Due giorni fa gli hanno ucciso la mamma e il papà: cos’ha da dire? Lui non si nega, mi risponde, si scava dentro, si apre, si confessa. Riesce a comunicarmi il suo dolore di uomo e il suo amore per la libertà. «Io so che quando mio padre è morto, è morto felice perché aveva potuto scegliere il destino della Patria». Dice proprio così, dice Patria con la P maiuscola. Una parola che da noi ha perso significato. E capisco che, per lui che non ne ha mai avuta una, e che per costruirla si è sparato ventiquattro anni tra guerriglia e prigione, questa parola è una conquista, un sigillo, un Santo Graal.
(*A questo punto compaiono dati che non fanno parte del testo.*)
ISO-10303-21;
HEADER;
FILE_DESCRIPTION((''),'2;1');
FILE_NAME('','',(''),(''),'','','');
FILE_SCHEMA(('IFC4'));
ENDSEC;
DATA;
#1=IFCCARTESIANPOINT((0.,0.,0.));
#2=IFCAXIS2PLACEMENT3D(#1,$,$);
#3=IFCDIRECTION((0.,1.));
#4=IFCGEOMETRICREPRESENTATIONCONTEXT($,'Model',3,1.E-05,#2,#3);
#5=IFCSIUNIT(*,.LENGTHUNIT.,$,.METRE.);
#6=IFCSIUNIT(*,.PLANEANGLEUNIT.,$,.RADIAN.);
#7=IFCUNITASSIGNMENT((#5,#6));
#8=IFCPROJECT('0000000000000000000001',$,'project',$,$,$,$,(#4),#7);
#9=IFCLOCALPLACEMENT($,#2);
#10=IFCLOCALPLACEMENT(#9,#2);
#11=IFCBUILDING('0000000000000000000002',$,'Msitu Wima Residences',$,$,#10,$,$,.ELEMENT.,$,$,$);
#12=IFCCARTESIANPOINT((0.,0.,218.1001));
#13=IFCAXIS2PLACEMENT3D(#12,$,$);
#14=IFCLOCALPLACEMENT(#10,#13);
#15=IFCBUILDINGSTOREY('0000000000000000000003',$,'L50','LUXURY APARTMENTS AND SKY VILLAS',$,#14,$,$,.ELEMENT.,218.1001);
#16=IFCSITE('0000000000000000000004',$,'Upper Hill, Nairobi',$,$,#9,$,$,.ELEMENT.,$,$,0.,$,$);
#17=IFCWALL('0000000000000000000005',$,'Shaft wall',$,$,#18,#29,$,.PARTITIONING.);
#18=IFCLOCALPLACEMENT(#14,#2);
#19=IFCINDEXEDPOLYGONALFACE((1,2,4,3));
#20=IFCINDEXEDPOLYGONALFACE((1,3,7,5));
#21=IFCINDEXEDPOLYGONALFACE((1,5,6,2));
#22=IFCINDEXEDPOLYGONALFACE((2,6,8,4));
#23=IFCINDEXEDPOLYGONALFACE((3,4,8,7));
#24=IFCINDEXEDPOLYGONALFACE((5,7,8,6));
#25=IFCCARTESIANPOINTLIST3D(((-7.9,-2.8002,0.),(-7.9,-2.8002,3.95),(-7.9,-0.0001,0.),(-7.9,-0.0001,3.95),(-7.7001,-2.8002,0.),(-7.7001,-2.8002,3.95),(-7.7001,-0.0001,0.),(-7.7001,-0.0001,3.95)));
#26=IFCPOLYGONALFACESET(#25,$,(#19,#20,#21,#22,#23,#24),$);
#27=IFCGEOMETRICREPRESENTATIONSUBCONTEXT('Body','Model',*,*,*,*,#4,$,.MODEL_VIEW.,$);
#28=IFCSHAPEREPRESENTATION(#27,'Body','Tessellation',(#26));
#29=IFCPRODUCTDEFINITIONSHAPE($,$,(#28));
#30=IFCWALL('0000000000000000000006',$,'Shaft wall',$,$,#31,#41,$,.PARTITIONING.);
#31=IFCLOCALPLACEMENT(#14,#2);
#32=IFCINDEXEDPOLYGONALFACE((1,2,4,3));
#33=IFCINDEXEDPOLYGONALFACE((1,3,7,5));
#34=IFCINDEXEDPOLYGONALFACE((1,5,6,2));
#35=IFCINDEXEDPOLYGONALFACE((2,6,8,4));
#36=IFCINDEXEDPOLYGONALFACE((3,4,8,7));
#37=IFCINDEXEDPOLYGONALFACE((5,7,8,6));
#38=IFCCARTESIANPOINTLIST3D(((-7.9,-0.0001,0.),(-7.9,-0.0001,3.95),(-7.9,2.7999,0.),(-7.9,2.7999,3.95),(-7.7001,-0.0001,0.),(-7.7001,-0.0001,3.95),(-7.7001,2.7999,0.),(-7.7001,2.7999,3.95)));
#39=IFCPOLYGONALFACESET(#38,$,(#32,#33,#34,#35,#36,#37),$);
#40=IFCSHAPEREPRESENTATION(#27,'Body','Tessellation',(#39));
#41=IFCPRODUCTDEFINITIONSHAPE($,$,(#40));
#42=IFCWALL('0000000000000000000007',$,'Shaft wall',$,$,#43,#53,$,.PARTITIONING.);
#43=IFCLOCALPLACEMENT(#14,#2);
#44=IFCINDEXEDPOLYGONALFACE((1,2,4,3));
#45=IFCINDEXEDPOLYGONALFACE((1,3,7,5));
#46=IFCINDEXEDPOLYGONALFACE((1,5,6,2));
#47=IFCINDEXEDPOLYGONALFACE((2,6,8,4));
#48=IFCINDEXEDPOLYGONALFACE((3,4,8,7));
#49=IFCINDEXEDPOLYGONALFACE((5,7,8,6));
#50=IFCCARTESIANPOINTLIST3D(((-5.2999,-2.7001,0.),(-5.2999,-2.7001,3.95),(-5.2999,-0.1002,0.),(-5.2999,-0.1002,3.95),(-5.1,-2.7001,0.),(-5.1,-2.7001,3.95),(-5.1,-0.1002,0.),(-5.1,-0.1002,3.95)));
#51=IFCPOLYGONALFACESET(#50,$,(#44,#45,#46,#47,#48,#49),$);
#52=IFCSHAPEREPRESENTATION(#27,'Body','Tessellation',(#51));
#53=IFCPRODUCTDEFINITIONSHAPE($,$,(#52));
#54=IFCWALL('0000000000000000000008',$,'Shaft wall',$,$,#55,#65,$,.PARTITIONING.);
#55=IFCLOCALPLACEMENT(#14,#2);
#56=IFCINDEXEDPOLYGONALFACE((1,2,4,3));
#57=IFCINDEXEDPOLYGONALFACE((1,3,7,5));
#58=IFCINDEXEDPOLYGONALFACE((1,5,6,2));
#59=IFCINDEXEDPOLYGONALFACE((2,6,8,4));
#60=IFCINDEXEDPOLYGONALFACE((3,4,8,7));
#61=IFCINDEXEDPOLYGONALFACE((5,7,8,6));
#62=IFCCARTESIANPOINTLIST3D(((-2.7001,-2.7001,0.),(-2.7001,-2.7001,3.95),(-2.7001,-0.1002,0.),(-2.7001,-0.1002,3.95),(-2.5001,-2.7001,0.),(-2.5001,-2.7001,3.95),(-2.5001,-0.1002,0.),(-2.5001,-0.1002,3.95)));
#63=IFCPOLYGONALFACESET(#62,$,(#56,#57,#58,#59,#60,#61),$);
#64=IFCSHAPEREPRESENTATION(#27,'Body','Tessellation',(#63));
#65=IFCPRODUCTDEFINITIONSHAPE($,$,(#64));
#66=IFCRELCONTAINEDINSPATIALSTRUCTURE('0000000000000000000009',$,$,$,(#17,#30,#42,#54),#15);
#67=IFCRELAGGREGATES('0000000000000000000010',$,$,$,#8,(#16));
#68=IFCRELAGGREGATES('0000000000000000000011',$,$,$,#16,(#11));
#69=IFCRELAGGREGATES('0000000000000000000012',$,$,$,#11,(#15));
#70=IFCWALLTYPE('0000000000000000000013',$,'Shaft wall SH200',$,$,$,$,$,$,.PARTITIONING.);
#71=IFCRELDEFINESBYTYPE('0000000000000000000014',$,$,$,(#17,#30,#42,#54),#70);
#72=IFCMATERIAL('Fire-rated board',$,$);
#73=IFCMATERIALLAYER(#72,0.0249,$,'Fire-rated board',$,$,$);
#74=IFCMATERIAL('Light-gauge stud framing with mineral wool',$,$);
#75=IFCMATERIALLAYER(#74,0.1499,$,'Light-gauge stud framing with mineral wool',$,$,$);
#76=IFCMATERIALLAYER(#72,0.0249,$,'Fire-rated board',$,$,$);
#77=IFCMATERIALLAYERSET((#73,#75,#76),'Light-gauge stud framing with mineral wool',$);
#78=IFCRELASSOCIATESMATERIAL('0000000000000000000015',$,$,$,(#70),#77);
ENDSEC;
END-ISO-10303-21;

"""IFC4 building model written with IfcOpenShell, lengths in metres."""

from ifc_helpers import new_model, si_unit, direction, frame, frame_2d, origin, place, context, subcontext, project, spatial, rectangle, extrude, material, layer, layer_set, type_object, element, save


model = new_model("IFC4")

# Units and contexts
model_context = context("Model", 3, precision=1e-05, world=origin(), true_north=direction((0.0, 1.0)))
body_context = subcontext(model_context, "Body", "Model", "MODEL_VIEW")
ifc_project = project(units=[si_unit("LENGTHUNIT", "METRE"), si_unit("PLANEANGLEUNIT", "RADIAN")], contexts=[model_context])

# Site, building, storey
site_placement = place(None, origin())
site = spatial("IfcSite", under=ifc_project, at=site_placement, Name="Upper Hill, Nairobi", CompositionType="ELEMENT", RefElevation=0.0)
building_placement = place(site_placement, origin())
building = spatial("IfcBuilding", under=site, at=building_placement, Name="Msitu Wima Residences", CompositionType="ELEMENT")
storey_placement = place(building_placement, frame((0.0, 0.0, 218.1001)))
storey = spatial("IfcBuildingStorey", under=building, at=storey_placement, Name="L50", Description="LUXURY APARTMENTS AND SKY VILLAS", CompositionType="ELEMENT", Elevation=218.1001)

# Shared definitions
ifc_material_1 = material(Name="Fire-rated board")
ifc_layer_1 = layer(ifc_material_1, 0.0249, Name="Fire-rated board")
ifc_material_2 = material(Name="Light-gauge stud framing with mineral wool")
ifc_layer_2 = layer(ifc_material_2, 0.1499, Name="Light-gauge stud framing with mineral wool")
ifc_layer_3 = layer(ifc_material_1, 0.0249, Name="Fire-rated board")
ifc_layer_set_1 = layer_set([ifc_layer_1, ifc_layer_2, ifc_layer_3], Name="Light-gauge stud framing with mineral wool")
wall_type_1 = type_object("IfcWallType", Name="Shaft wall SH200", PredefinedType="PARTITIONING", material=ifc_layer_set_1)

# Walls
for number, where, z_axis, x_axis, name in (
    (1, (-7.8, -2.8, 0.0), (0.0, 0.0, 1.0), (0.0, 1.0, 0.0), "Shaft wall"),
    (2, (-7.8, 0.0, 0.0), (0.0, 0.0, 1.0), (0.0, 1.0, 0.0), "Shaft wall"),
):
    element("IfcWall", number, at=place(storey_placement, frame(where, z_axis=z_axis, x_axis=x_axis)), inside=storey, type_object=wall_type_1, Name=name, PredefinedType="PARTITIONING", context=body_context, shape_type="SweptSolid", body=[
        extrude(rectangle(XDim=2.8, YDim=0.2, at=frame_2d((1.3999, 0.0))), origin(), (0.0, 0.0, 1.0), 3.95),
    ])
for number, where, z_axis, x_axis, name in (
    (3, (-5.2, -2.7, 0.0), (0.0, 0.0, 1.0), (0.0, 1.0, 0.0), "Shaft wall"),
    (4, (-2.6001, -2.7, 0.0), (0.0, 0.0, 1.0), (0.0, 1.0, 0.0), "Shaft wall"),
):
    element("IfcWall", number, at=place(storey_placement, frame(where, z_axis=z_axis, x_axis=x_axis)), inside=storey, type_object=wall_type_1, Name=name, PredefinedType="PARTITIONING", context=body_context, shape_type="SweptSolid", body=[
        extrude(rectangle(XDim=2.5999, YDim=0.2, at=frame_2d((1.2998, 0.0))), origin(), (0.0, 0.0, 1.0), 3.95),
    ])

save(model, "model.ifc")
Quando finisce la conversazione non c’è più niente da fare: sono conquistato anima e corpo alla causa di Timor Est, questo piccolo Davide che sta lottando con le unghie contro Golia; questo paese di meno di un milione di abitanti che ha subito ventiquattro anni di occupazione brutale da parte dell’esercito indonesiano, il quarto del mondo; un’annessione che l’Onu non ha mai riconosciuto, ma che per debolezza ha lasciato durare ventiquattro lunghi anni. Ci è voluto un massacro esecrato da tutto il mondo – e soprattutto avvenuto sotto gli occhi dei media – per far risolvere le Nazioni Unite a intervenire con la forza.
La conversazione potrebbe andare avanti tutta la notte, ma alle porte preme una delegazione Onu che deve decidere sui lanci di viveri ai profughi rifugiati sulle montagne. Xanana mi accompagna alla porta del bunker, mi stringe la mano con uno dei suoi sorrisi contagiosi e, strizzandomi l’occhio mi congeda con un’ultima battuta: «Mi raccomando, scrivilo: la prima cosa che cercherò di realizzare quando Timor Est allaccerà rapporti ufficiali con l’Italia sarà una partita contro l’Inter. Diglielo a Moratti».